The casual culture and allegedly meritocratic hierarchies of tech companies may actually be encouraging this discriminatory atmosphere. HR and the strict reporting procedures of large corporates at least give those suffering from discrimination a place to go. A casual office environment can discourage reporting or calling out prejudiced humour or remarks. Brook Shelley, a woman who transitioned while working in tech, notes: "No one wants to be the office mother". So instead, you join in and hope for the best. 

And, of course, there's no reason why people working in tech would have fewer issues with discrimination than those in other industries. A childhood spent as a "nerd" can also spawn its own brand of misogyny - Katherine Cross writes in Lean Out that “to many of these men [working in these fields] is all too easy to subconciously confound women who say ‘this is sexist’ with the young girls who said… ‘You’re gross and a creep and I’ll never date you'". During GamerGate, Anita Sarkeesian was often called a "prom queen" by trolls. 

When I spoke to Alexa Clay, entrepreneur and co-author of the Misfit Economy, she confirmed that there's a strange, low-lurking sexism in the start-up economy: “They have all very open and free, but underneath it there's still something really patriarchal.” Start-ups, after all, are a culture which celebrates risk-taking, something which women are societally discouraged from doing. As Clay says, 

“Men are allowed to fail in tech. You have these young guys who these old guys adopt and mentor. If his app doesn’t work, the mentor just shrugs it off. I would not be able ot get away with that, and I think women and minorities aren't allowed to take the same amount of risks, particularly in these communities. If you fail, no one's saying that's fine.

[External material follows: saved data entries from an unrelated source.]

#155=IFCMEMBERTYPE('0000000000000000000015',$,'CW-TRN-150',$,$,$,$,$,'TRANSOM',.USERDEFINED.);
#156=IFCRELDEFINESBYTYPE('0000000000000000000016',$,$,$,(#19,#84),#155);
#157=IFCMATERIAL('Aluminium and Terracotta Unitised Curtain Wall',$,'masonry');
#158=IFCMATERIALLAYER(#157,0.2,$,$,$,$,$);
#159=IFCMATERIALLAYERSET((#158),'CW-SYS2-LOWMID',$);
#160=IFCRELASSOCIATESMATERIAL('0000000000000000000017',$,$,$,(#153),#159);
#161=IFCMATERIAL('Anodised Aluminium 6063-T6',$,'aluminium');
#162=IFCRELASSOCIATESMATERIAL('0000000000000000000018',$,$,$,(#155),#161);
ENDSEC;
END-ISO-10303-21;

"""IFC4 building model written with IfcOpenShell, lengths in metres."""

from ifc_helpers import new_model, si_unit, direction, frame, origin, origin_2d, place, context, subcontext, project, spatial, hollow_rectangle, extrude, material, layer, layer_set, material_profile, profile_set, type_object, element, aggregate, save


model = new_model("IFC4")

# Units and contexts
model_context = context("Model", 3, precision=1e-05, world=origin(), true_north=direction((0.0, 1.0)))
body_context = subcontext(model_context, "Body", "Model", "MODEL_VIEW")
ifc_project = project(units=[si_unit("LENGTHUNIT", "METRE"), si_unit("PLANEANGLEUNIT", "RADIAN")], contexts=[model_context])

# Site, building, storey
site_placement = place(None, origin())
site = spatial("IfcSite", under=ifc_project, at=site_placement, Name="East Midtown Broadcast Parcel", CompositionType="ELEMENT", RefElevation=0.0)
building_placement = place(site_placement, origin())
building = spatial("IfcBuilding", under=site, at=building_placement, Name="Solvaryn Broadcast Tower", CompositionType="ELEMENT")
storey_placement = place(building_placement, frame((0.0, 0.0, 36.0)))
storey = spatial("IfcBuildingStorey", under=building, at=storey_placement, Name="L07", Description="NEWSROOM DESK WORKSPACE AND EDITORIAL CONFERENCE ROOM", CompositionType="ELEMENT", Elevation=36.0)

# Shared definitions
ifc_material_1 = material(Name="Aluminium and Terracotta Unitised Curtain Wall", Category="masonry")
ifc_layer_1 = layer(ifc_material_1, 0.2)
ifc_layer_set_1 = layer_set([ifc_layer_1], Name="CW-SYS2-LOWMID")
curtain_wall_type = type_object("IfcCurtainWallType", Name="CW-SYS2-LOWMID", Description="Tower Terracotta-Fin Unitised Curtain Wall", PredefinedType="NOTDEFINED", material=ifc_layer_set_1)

The conclusion of Lean Out, and of women in tech I have spoken to, isn’t that more women, over time, will enter these industries and seamlessly integrate – it’s that tech culture needs to change, or its lack of diversity will become even more severe. Shevinsky writes:

The reason why we don't have more women in tech is not because of a lack of STEM education. It's because too many high profile and influential individuals and subcultures within the tech industry have ignored or outright mistreated women applicants and employees. To be succinct—the problem isn't women, it's tech culture.

Software engineer Kate Heddleston has a wonderful and chilling metaphor about the way we treat women in STEM. Women are, she writes, the “canary in the coal mine”. If one dies, surely you should take that as a sign that the mine is uninhabitable – that there’s something toxic in the air. “Instead, the industry is looking at the canary, wondering why it can’t breathe, saying ‘Lean in, canary, lean in!’. When one canary dies they get a new one because getting more canaries is how you fix the lack of canaries, right? Except the problem is that there isn't enough oxygen in the coal mine, not that there are too few canaries.” We need more women in STEM, and, I’d argue, in tech in particular, but we need to make sure the air is breatheable first. 

Barbara Speed is a technology and digital culture writer at the New Statesman and a staff writer at CityMetric.